2.1. Cloning, protein expression and protein purification
The gene sequences encoding human Sirt2 (UniProt Q8IXJ6; amino acids 50–356 or 56–356) and human Sirt3 (UniProt Q9NTG7; amino acids 118–395) were cloned in a modified pET-15b vector with a His10 tag instead of a His6 tag and a TEV protease cleavage site instead of a thrombin cleavage site. Human Sirt250–356, Sirt256–356 and Sirt3118–395 were expressed in Escherichia coli strain BL21(DE3) CodonPlus RIPL cells overnight (20°C for Sirt2 and 18°C for Sirt3). Overexpression was induced with IPTG (0.1 mM) at an OD600 of 0.6. The cells were harvested and resuspended in lysis buffer [50 mM Tris–HCl, 500 mM NaCl, 5%(v/v) glycerol, 5 mM β-mercaptoethanol pH 8.0 for Sirt256–356; 50 mM HEPES, 500 mM NaCl, 5%(v/v) glycerol, 5 mM β-mercaptoethanol pH 7.5 for Sirt3 and Sirt250–356]. The cells were then lysed with a microfluidizer (Microfluidics, Westwood, USA) and cell debris was removed via centrifugation. The supernatant was applied onto a HisTrap FF column (5 ml; GE Healthcare, Freiburg, Germany), washed intensively with lysis buffer and then treated with TEV protease (in excess). After overnight digestion (4°C), the digested protein was eluted with lysis buffer, concentrated and further purified with a Superdex S75 26/60 gel-filtration column [GE Healthcare; 25 mM Tris–HCl, 150 mM NaCl pH 8.0 for Sirt256–356; 25 mM HEPES, 200 mM NaCl, 5%(v/v) glycerol, 5 mM β-mercaptoethanol pH 7.5 for Sirt3 and Sirt250–356]. Sirt2- or Sirt3-containing fractions were collected and concentrated to 20 mg ml−1 in the case of Sirt250–356, 13 mg ml−1 in the case of Sirt256–356 and 18.5 mg ml−1 in the case of Sirt3. All purification steps were monitored by SDS–PAGE (Laemmli, 1970) and the protein concentration was determined by the Bradford assay (Bradford, 1976).

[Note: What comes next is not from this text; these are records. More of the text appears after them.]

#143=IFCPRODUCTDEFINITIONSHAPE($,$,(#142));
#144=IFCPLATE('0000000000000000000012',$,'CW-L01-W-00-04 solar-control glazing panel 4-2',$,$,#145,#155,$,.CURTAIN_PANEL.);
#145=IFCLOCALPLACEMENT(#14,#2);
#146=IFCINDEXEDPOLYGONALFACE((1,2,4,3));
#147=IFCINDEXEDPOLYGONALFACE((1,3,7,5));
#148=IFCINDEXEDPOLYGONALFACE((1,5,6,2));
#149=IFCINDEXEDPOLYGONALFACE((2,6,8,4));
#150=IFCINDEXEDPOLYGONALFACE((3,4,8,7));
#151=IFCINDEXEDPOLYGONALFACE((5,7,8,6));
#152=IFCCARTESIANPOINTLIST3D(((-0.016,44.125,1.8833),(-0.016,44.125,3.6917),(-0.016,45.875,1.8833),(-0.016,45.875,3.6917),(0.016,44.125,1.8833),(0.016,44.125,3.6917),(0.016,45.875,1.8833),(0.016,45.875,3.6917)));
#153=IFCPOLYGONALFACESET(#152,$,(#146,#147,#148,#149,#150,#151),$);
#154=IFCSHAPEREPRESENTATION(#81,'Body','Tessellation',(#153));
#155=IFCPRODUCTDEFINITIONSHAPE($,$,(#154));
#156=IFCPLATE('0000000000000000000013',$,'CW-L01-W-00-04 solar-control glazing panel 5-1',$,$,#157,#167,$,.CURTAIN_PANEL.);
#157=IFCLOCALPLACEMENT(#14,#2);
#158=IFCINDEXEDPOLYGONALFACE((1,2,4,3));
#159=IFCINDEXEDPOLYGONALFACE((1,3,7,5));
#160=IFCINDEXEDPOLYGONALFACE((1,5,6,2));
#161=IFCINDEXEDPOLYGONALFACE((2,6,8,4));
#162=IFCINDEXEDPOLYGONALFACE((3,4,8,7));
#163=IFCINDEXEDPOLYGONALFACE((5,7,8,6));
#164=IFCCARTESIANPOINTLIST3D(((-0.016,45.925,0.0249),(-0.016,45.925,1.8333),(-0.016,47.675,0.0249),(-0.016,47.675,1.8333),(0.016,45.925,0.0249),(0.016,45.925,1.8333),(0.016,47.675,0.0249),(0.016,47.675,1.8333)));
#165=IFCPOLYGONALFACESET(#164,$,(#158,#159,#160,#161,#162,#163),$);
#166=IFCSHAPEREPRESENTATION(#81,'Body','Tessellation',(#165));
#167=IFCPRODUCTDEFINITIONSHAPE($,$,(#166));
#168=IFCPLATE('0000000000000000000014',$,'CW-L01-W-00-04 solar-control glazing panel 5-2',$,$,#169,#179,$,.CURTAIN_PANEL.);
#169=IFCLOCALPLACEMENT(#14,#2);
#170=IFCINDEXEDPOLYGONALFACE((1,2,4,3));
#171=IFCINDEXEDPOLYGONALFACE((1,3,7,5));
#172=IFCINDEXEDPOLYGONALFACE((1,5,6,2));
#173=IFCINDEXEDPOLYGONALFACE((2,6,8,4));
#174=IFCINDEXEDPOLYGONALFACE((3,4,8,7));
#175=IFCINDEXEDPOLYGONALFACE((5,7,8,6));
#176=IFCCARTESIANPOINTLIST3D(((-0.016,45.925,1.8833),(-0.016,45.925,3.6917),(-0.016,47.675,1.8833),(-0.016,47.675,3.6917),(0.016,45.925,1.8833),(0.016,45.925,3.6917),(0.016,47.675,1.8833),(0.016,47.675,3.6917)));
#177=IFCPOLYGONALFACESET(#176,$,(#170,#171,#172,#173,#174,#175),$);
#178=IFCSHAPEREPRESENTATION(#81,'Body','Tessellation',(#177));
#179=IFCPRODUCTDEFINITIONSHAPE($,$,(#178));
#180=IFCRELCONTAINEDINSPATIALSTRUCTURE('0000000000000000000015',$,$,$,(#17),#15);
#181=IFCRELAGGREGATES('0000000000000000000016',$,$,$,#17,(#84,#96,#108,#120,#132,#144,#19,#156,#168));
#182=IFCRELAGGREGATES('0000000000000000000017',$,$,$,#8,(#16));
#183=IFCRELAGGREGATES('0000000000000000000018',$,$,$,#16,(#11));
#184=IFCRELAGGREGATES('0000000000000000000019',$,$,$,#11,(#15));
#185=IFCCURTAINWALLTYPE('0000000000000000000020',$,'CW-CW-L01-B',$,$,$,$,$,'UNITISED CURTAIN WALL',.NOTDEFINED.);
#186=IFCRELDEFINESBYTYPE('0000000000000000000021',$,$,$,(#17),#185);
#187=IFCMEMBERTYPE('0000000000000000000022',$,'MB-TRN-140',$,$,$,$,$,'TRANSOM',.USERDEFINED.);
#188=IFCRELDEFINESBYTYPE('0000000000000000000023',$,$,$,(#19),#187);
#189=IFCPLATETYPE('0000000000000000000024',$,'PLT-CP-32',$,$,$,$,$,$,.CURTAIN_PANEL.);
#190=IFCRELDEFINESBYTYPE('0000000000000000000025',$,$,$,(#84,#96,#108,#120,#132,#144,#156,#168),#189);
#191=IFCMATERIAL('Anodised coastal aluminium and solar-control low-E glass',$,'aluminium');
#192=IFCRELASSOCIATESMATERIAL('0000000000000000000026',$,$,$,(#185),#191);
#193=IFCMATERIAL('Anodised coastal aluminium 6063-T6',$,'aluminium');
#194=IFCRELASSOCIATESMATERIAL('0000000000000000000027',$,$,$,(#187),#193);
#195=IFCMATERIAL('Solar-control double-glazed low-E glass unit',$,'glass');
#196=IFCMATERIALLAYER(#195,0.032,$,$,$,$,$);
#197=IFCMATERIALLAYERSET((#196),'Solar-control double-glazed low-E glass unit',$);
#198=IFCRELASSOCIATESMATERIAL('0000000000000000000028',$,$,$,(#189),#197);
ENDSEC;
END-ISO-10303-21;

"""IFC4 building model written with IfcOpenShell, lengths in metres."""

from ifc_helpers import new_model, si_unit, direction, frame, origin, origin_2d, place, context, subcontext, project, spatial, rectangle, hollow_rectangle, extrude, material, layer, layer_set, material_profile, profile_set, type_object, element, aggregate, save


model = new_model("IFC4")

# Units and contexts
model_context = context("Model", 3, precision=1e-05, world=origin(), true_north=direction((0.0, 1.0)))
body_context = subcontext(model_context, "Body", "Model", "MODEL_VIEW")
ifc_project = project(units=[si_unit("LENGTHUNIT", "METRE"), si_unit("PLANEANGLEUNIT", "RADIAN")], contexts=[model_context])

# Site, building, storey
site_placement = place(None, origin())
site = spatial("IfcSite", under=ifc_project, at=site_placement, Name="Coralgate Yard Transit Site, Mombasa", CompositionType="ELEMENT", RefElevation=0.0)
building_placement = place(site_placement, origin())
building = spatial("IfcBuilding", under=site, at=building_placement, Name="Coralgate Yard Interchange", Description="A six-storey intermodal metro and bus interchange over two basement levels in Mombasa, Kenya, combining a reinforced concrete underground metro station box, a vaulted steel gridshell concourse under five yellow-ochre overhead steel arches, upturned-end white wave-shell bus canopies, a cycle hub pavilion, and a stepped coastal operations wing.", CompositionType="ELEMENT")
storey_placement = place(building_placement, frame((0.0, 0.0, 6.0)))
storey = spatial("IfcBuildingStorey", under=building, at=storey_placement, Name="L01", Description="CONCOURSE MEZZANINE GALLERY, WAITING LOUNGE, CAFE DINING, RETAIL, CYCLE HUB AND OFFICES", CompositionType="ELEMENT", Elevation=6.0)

2.2. Crystallization and soaking experiments
All crystallization trials were performed in 96-well plates (Intelli-Plate 96-3 Low Profile, Art Robbins Instruments, Sunnyvale, USA) using an OryxNano pipetting robot (Douglas Instruments, Berkshire, England). Index screen was obtained from Hampton Research (Aliso Veijo, USA). The composition of the crystallization solutions in the Index screen can be found at https://hamptonresearch.com/documents/product/hr005585_2-134_formulations.pdf. Crystal formation was monitored with a Minstrel HT UV imaging unit (Rigaku, Kent, England). Initial crystals that were used for MMS of apo Sirt3 (18.5 mg ml−1) were obtained in a solution consisting of 0.2 M Li2SO4, 60%(v/v) Tacsimate (Hampton Research) at pH 7.0 and 4°C with a 1:1 ratio of Sirt3 solution to reservoir solution. Initial crystals of the Sirt256–356–ADPR complex (13 mg ml−1, 20 mM ADPR from a 1 M stock solution in 1 M Tris–HCl buffer pH 9.0) were obtained in a solution consisting of 17.5%(w/v) PEG 10 000, 0.1 M ammonium acetate in 0.1 M bis-tris buffer pH 6.75 at 20°C using a 1:3 ratio of Sirt2–ADPR solution to reservoir solution. Microseed solutions were prepared as follows: 5–10 crystals were harvested, washed, diluted with mother liquor and transferred into an Eppendorf tube, where they were crushed with a seed bead [five cycles of slight vortexing (10 s) followed by incubation on ice (20 s)]. The supernatant was then used for crystallization trials. For crystallization trials using microseed solutions the drop consisted of 17%(v/v) microseed solution, 50–33%(v/v) Sirt3 solution (18.5 mg ml−1) or Sirt2–ADPR solution (13 mg ml−1, 20 mM ADPR) and 33–50%(v/v) reservoir solution. Control experiments to verify that Sirt3 crystal formation was dependent on microseeds were performed with the mother liquor only [60%(v/v) Tacsimate pH 7.0 or 60%(v/v) Tacsimate, 0.2 M Li2SO4 pH 7.0].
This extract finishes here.